Todo tiene que ver con un inmaterial que para muchos no existe hasta que le señalan con el dedo en un restaurante de alto copete o le siguen por la calle sin disimulo y con una pancarta de deudor: la reputación. La reputación impide hacer negocios, impide fiarse, impide ganar dinero, impide crecer. Siempre lo he dicho: la sospecha es un virus, se te mete dentro y ya no hay vuelta atrás; no existe el fiarse después de haber perdido la confianza por entero. Veo bien las listas de la vergüenza, saber quién es quién, luz y taquígrafos para todos, el fin del negocio negro y de la picaresca de las maletas repletas de billetes al extranjero. Otro dato que parece obviarse o se menoscaba es el del sector inmobiliario: hasta 15 de las sociedades más morosas con el fisco están vinculadas con el sector inmobiliario. Vamos a decirlo más claro: 1.500 millones en este sector (en la cúspide del infausto repertorio se sitúa Reyal Urbis, con una mora de 360 millones). Las constructoras de toda la vida, los chanchullos putrefactos del cemento y tantos de sus dirigentes presumiendo por antena que no sabían leer ni escribir, jamás habían leído un libro y firmaban con una equis (pienso en uno, al que le gustaba mucho Coslada, pero no voy a decir su nombre). El putrefacto negocio del cemento, jamás claro en este país, el de los yates y la “beatiful people” antigua (de Jesús Gil a El Pocero o Sandokán): todos en las revistas del papel cuché como ídolos vacuos todavía no sé de qué, presumiendo de sus fajos, mujeres y horteradas. Decía lord Anson: “Ves los yates de todos esos tíos y no hay una biblioteca mínima en ninguno”.

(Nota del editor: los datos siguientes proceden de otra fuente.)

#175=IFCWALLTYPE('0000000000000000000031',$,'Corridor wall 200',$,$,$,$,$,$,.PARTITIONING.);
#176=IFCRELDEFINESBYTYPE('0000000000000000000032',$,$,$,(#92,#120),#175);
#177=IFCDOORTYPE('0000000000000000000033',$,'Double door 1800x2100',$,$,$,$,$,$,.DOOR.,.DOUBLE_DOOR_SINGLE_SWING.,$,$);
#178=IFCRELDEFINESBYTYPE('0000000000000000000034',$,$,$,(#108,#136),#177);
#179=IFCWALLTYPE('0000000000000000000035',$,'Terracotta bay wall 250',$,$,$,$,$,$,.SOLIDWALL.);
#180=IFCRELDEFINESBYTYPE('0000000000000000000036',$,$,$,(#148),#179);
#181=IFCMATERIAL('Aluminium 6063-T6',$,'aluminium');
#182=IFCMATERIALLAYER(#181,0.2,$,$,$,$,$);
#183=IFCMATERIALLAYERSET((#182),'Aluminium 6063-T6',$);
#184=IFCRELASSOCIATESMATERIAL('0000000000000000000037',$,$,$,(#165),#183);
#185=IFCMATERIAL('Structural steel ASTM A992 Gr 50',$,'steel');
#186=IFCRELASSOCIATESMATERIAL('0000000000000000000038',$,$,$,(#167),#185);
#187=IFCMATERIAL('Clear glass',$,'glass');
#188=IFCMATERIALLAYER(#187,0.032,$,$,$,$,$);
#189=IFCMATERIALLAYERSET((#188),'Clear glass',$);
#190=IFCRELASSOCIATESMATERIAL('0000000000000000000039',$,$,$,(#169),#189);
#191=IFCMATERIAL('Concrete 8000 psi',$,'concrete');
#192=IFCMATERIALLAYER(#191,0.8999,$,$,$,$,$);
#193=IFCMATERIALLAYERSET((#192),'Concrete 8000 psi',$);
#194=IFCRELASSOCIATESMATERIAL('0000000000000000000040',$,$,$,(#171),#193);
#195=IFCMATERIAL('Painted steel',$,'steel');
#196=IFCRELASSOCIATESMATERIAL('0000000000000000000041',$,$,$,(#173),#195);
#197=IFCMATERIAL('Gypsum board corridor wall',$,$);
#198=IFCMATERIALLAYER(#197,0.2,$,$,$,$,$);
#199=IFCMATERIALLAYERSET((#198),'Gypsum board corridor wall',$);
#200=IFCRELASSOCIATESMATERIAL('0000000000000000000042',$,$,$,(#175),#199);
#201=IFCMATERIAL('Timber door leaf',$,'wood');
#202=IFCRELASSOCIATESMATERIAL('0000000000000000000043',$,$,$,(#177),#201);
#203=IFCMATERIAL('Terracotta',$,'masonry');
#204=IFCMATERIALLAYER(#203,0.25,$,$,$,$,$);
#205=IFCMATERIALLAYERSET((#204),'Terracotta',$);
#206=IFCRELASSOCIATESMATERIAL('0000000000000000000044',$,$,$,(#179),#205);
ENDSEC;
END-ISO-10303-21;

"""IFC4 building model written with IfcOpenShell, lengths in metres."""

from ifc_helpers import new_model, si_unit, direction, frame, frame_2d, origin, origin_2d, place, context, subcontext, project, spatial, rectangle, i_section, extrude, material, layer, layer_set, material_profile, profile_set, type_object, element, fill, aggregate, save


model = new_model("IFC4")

Hay más listas, las de la compra del español medio, que muchos se han tenido que apretar el cinturón para que sus hijos estudien carreras para las que no hay trabajo. Las de los jubilados, que con seiscientos euros no pueden hacer maravillas y los que no tienen casa se tienen que ir a comprar comida robada a ciertas plazas de Madrid porque no les llega. ¿Son culpables las listas primera y segunda con esta tercera de la que hablo ahora o es un delirio por culpa del calor? ¿No es la mayor vergüenza una lista de la compra que puede finalizarse ni llevarse para el hogar? Solo sé una cosa: Rafael Gómez Sánchez, alías Sandokán, tiene pendiente de pago más de 110 millones con Hacienda. Dicho empresario que llegó a emplear 8.000 trabajadores y pilotar 50 sociedades, duerme desde el pasado diciembre en prisión para cumplir una condena de cinco años de cárcel por su delito contra Hacienda. ¿No creen, señores, que está demasiado solo y podíamos meterle más compinches, en sus mismas condiciones pero que no se sabe, para darle brea y velocidad a los naipes y el tinto de reserva de tapadillo?